Let’s see the result of the first 10 lines

让我们看一下前10行的结果

result_first = result[:10]
result_first['https://www.thewindpower.net/windfarm_es_4418_cortijo-de-guerra-ii.php',
 'https://www.thewindpower.net/windfarm_es_695_es-mila.php',
 'https://www.thewindpower.net/windfarm_es_5281_la-castellana-(spain).php',
 'https://www.thewindpower.net/windfarm_es_7024_valdeperondo.php',
 'https://www.thewindpower.net/windfarm_es_1922_a-capelada-i.php',
 'https://www.thewindpower.net/windfarm_es_1919_a-capelada-ii.php',
 'https://www.thewindpower.net/windfarm_es_10582_abuela-santa-ana.php',
 'https://www.thewindpower.net/windfarm_es_19392_abuela-santa-ana-modificacion.php',
 'https://www.thewindpower.net/windfarm_es_1920_adrano.php',
 'https://www.thewindpower.net/windfarm_es_13465_aeropuerto-la-palma.php']

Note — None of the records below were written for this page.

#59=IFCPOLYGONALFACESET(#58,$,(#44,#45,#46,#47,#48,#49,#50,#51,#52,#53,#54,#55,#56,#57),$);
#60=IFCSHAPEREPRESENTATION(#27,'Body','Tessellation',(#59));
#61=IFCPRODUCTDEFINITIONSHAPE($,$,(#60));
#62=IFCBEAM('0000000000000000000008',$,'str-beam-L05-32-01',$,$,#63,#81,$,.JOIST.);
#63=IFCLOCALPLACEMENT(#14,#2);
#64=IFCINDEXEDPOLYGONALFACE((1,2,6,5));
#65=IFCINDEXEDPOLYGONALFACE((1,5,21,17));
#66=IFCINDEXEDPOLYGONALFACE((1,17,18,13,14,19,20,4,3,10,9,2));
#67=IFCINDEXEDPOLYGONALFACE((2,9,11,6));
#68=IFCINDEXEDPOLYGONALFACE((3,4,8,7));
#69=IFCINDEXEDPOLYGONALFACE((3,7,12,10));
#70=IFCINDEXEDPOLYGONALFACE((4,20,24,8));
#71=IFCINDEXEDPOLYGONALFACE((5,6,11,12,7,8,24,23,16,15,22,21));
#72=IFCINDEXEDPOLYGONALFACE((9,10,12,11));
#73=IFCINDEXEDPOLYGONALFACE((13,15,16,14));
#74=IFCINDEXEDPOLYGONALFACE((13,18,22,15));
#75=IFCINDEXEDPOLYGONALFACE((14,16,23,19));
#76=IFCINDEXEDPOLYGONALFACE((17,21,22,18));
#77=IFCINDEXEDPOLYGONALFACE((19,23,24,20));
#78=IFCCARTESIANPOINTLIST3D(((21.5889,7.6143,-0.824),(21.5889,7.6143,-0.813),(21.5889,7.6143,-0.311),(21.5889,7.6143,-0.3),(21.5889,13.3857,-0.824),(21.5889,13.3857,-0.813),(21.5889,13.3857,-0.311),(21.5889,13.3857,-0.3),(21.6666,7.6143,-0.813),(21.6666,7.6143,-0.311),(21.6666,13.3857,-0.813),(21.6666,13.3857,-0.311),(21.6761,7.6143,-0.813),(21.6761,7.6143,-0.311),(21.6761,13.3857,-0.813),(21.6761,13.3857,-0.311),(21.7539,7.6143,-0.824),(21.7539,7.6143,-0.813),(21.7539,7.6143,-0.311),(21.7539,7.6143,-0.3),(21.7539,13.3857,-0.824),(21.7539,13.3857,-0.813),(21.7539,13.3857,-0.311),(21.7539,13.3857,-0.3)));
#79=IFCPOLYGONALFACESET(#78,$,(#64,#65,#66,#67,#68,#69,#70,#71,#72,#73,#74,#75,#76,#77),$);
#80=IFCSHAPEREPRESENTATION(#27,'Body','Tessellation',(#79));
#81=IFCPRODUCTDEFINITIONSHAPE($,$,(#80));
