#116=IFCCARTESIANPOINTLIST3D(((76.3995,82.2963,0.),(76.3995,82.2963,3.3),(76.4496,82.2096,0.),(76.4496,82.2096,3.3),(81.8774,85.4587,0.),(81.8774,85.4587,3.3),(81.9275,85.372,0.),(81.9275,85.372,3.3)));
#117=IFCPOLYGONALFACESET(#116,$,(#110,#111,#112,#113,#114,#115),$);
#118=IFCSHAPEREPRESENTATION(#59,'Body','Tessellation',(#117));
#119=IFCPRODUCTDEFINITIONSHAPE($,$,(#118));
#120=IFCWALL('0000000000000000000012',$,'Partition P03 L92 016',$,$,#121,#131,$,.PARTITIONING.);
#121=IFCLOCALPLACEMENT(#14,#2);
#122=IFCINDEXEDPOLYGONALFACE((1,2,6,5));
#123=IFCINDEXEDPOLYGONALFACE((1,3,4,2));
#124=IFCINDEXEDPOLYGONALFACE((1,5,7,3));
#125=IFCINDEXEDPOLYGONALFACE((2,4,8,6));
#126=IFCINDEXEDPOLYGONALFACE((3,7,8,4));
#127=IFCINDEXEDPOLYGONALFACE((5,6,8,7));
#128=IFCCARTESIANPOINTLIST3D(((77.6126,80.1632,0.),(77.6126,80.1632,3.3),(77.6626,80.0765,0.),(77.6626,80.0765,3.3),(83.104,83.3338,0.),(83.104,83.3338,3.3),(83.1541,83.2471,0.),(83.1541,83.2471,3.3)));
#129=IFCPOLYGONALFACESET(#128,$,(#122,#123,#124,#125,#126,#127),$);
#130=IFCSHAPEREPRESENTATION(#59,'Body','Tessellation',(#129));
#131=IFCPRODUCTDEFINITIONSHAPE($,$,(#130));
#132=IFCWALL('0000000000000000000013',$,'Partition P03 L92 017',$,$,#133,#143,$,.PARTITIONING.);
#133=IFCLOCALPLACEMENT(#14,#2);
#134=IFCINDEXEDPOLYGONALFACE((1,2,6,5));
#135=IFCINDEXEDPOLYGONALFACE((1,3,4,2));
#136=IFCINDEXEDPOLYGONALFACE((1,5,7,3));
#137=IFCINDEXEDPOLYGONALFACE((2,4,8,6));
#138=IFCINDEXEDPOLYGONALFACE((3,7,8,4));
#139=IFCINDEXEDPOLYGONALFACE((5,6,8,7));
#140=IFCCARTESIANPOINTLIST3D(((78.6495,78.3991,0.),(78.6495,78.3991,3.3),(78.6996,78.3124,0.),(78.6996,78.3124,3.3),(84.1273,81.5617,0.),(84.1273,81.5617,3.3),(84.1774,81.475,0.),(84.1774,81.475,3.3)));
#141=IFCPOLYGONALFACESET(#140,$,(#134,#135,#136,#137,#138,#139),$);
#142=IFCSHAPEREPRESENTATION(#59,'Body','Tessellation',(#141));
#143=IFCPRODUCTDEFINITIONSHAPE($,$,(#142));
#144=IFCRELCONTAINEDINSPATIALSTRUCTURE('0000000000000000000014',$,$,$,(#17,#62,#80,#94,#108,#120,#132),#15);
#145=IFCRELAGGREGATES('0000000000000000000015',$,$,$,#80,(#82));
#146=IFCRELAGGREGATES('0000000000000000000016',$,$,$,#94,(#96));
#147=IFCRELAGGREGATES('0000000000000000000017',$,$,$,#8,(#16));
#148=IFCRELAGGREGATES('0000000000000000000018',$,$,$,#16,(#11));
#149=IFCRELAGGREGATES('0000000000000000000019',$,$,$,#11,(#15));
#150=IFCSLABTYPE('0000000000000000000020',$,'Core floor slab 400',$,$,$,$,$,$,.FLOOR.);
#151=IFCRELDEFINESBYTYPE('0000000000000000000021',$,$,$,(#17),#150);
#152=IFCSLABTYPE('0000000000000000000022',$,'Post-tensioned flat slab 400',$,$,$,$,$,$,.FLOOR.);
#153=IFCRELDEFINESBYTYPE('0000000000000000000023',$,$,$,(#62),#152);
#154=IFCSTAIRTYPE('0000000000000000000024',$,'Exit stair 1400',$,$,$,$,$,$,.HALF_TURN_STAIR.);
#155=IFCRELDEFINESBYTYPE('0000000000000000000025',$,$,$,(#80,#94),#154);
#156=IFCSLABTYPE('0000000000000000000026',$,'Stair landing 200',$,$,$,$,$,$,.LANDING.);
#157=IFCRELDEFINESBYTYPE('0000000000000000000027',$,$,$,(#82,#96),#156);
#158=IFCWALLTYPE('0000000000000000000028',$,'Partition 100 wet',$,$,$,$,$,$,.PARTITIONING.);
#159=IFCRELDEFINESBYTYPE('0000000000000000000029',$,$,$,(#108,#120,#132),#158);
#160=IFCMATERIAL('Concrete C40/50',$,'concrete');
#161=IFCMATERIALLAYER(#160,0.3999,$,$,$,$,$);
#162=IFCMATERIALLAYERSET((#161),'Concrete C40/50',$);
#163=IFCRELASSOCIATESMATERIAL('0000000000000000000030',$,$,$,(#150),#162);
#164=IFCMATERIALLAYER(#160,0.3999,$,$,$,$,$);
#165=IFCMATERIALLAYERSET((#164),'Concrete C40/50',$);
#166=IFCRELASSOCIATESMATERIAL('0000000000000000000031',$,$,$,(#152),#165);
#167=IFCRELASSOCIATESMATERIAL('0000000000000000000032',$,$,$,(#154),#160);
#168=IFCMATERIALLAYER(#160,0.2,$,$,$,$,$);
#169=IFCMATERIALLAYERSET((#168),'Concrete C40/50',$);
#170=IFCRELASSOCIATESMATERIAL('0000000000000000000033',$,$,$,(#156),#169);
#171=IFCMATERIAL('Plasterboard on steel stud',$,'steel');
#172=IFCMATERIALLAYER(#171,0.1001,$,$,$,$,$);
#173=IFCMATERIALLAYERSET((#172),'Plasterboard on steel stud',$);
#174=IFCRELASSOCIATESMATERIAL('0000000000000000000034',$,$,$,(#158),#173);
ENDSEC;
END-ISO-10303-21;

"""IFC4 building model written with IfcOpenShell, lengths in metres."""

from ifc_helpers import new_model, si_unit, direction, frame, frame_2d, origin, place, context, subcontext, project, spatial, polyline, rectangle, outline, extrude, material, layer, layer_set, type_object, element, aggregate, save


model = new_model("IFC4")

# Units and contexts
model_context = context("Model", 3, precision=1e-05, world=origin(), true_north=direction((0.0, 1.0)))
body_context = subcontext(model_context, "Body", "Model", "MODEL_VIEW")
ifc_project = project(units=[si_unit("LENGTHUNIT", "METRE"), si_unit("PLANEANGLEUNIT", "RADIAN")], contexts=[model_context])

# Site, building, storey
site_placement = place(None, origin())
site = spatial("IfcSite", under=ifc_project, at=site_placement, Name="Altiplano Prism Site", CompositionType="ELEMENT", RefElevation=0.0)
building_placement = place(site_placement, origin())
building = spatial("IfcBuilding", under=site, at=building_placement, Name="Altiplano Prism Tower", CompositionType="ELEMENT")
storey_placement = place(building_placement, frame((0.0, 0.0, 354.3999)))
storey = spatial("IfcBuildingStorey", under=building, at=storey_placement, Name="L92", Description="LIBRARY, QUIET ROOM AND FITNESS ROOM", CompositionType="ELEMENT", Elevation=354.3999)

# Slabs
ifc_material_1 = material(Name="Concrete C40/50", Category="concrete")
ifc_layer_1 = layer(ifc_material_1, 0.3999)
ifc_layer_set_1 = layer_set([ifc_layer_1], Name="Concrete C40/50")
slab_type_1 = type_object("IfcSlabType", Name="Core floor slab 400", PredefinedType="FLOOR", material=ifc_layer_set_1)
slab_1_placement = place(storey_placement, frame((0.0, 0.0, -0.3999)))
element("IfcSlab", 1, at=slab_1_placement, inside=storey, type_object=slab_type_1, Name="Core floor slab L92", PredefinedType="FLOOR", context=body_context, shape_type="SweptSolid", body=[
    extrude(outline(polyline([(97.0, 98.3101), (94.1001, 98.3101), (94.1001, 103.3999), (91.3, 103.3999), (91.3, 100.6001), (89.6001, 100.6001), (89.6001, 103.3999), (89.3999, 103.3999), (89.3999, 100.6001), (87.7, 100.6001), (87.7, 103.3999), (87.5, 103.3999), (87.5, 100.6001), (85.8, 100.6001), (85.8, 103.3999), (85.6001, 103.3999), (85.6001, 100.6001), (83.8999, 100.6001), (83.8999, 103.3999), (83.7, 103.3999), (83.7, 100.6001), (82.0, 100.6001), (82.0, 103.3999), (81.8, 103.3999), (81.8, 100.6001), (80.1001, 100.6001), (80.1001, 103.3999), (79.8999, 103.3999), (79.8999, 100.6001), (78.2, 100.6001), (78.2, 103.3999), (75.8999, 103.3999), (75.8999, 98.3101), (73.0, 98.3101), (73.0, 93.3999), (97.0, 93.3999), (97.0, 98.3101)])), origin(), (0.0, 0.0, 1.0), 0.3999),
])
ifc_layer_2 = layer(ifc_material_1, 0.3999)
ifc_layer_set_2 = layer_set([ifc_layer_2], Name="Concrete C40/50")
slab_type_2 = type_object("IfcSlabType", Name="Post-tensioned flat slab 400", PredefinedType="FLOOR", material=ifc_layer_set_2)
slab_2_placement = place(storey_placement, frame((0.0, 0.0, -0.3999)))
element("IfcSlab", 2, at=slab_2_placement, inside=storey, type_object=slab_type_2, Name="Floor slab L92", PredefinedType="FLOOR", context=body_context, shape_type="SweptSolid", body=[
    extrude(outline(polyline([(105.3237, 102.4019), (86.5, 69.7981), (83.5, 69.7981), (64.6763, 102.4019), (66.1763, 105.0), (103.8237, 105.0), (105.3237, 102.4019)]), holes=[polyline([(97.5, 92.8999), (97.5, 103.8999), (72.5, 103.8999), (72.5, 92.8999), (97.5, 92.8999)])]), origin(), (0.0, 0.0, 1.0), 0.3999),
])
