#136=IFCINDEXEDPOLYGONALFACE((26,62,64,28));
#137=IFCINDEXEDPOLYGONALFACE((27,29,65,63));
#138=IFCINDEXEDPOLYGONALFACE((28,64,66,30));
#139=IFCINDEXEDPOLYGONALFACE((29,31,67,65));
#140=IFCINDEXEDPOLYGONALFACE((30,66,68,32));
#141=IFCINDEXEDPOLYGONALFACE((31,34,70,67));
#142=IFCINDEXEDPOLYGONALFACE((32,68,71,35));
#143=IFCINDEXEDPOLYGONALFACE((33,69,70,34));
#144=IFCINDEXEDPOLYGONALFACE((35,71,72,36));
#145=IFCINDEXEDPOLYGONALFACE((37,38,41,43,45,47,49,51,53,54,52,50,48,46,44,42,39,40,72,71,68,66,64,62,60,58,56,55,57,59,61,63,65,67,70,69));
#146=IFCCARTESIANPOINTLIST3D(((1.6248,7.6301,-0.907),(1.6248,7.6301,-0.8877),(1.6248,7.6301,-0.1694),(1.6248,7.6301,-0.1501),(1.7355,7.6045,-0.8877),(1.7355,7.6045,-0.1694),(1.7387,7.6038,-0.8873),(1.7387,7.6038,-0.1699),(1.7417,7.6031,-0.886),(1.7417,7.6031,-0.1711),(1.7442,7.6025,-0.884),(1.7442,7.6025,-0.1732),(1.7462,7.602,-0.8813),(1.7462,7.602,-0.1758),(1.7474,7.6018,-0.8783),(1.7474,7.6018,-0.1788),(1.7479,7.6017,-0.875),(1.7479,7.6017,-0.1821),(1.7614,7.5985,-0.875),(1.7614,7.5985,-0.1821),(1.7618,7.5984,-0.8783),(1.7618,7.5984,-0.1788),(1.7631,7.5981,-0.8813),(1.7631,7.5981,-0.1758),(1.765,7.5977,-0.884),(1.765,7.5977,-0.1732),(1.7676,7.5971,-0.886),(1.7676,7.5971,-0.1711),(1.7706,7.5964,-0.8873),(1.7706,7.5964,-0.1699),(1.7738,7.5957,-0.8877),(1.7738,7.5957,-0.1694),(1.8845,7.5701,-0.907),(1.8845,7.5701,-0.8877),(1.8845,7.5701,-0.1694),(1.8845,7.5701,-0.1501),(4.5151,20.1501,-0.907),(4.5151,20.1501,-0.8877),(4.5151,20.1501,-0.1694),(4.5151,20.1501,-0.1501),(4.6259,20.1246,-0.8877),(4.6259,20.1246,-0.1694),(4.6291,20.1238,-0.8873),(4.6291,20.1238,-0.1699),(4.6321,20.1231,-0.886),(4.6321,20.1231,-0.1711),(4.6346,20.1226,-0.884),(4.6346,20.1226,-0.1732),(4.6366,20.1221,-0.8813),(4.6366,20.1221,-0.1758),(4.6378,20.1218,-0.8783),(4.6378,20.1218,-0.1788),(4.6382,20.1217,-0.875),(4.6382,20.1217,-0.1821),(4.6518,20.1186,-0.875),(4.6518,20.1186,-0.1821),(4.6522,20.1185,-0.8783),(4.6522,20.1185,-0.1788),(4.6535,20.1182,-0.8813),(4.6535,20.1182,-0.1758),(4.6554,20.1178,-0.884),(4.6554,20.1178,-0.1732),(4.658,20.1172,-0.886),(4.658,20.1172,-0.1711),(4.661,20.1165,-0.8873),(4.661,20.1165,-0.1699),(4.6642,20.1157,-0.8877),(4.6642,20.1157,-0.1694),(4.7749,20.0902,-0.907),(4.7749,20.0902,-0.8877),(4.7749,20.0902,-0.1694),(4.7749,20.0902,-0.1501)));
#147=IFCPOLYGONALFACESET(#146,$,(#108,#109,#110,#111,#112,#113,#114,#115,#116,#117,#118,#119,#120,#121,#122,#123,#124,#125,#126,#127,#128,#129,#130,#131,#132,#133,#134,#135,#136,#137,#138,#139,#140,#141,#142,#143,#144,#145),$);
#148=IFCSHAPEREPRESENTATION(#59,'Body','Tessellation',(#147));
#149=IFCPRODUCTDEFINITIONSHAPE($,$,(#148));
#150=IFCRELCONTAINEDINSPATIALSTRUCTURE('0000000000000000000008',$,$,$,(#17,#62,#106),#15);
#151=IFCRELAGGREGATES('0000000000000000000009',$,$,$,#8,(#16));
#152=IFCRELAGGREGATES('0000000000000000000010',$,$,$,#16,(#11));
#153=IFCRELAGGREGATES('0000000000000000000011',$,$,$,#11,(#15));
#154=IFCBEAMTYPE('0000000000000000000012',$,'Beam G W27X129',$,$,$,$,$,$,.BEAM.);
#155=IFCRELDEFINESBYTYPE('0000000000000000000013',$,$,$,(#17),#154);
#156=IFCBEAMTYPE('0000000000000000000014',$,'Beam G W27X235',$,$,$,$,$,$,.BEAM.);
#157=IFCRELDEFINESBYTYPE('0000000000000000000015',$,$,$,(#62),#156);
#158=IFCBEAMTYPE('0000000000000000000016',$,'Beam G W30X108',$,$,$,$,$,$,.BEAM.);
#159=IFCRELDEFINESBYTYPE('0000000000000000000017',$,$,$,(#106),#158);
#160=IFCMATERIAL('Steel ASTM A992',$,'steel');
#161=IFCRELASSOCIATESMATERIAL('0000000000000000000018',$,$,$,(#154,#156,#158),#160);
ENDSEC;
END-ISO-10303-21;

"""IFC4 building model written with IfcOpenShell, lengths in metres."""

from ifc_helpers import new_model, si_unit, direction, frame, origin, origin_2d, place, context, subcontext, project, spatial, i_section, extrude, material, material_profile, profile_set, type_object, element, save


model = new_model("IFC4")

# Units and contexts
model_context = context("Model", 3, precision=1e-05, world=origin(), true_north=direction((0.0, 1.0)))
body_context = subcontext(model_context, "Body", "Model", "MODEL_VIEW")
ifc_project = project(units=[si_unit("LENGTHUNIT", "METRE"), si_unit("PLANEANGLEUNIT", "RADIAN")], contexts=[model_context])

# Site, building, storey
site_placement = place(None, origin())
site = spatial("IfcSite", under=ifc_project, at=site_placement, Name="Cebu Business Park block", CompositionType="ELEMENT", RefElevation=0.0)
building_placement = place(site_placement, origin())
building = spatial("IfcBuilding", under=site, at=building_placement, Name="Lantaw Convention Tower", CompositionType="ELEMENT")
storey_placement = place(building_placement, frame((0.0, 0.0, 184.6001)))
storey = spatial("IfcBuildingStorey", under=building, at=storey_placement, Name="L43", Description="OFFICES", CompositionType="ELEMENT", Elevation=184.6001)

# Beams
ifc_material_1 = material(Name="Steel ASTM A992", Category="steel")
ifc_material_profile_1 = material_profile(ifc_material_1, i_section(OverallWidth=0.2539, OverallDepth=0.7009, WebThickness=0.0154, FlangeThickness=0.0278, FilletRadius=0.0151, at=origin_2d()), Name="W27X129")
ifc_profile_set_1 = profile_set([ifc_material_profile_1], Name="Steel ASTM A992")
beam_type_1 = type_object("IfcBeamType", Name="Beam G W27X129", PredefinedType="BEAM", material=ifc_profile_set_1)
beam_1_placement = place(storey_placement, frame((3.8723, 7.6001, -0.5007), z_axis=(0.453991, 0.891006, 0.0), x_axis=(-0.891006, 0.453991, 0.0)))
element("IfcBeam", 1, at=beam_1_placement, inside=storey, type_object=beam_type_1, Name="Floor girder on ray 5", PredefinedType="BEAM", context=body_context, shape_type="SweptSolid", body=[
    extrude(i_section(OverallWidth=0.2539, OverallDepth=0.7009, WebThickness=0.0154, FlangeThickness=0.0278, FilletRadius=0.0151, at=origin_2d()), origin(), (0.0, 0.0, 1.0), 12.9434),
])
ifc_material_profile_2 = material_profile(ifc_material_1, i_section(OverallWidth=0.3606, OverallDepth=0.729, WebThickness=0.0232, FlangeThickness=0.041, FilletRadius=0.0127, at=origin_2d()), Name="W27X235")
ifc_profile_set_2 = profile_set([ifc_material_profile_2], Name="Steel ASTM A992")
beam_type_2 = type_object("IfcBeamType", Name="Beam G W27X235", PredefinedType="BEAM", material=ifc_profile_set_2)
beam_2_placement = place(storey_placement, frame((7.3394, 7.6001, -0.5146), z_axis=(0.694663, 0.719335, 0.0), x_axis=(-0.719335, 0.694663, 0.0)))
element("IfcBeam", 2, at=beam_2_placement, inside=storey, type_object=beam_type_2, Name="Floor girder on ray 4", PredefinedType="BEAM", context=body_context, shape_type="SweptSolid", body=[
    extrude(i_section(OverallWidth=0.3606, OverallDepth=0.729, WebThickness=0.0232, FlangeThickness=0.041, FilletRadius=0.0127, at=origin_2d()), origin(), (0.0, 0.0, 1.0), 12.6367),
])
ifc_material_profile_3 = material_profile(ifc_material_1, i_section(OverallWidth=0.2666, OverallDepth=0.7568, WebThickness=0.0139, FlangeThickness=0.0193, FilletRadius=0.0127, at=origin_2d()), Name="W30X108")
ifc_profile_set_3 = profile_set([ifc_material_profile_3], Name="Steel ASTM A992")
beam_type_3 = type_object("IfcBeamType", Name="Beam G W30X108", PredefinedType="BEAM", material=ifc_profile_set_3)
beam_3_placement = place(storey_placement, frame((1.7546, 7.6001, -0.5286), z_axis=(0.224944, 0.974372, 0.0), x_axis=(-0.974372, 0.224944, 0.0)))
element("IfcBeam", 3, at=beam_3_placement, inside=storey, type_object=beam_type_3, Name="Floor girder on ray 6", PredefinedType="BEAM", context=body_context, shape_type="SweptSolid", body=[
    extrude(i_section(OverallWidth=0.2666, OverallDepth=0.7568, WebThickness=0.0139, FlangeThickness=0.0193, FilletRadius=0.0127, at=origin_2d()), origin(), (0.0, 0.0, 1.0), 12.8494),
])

获取数据框中的数据 (Get data in a Dataframe)

Finally, using the list of URLs obtained with the selenium library, we generate our dataset with all the data obtained

最后，使用通过Selenium库获得的URL列表，我们使用获得的所有数据生成数据集

DATA=pd.DataFrame()
for i in result:
    lista=obtener(i)
    DF=dataframe(lista)
    DATA=DATA.append(DF,ignore_index=True)

This is the result

这是结果

DATA

保存数据 (Save data)

And finally we save the data

最后我们保存数据

DATA.to_csv(r'datos_eolicos.csv')

结论 (Conclusion)

As you can see with a couple of libraries we have been able to obtain the url and data of the wind farms located in Spain

如您所见，通过几个库，我们已经能够获得位于西班牙的风电场的网址和数据

I hope you enjoy this project

我希望你喜欢这个项目

No matter what books or blogs or courses or videos one learns from, when it comes to implementation everything might look like “Out of Syllabus”

无论从中学到什么书，博客，课程或视频，到实施时，一切都可能看起来像“课程提纲”

Best way to learn is by doing!Best way to learn is by teaching what you have learned!

Best way to learn is by doing!Best way to learn is by teaching what you have learned!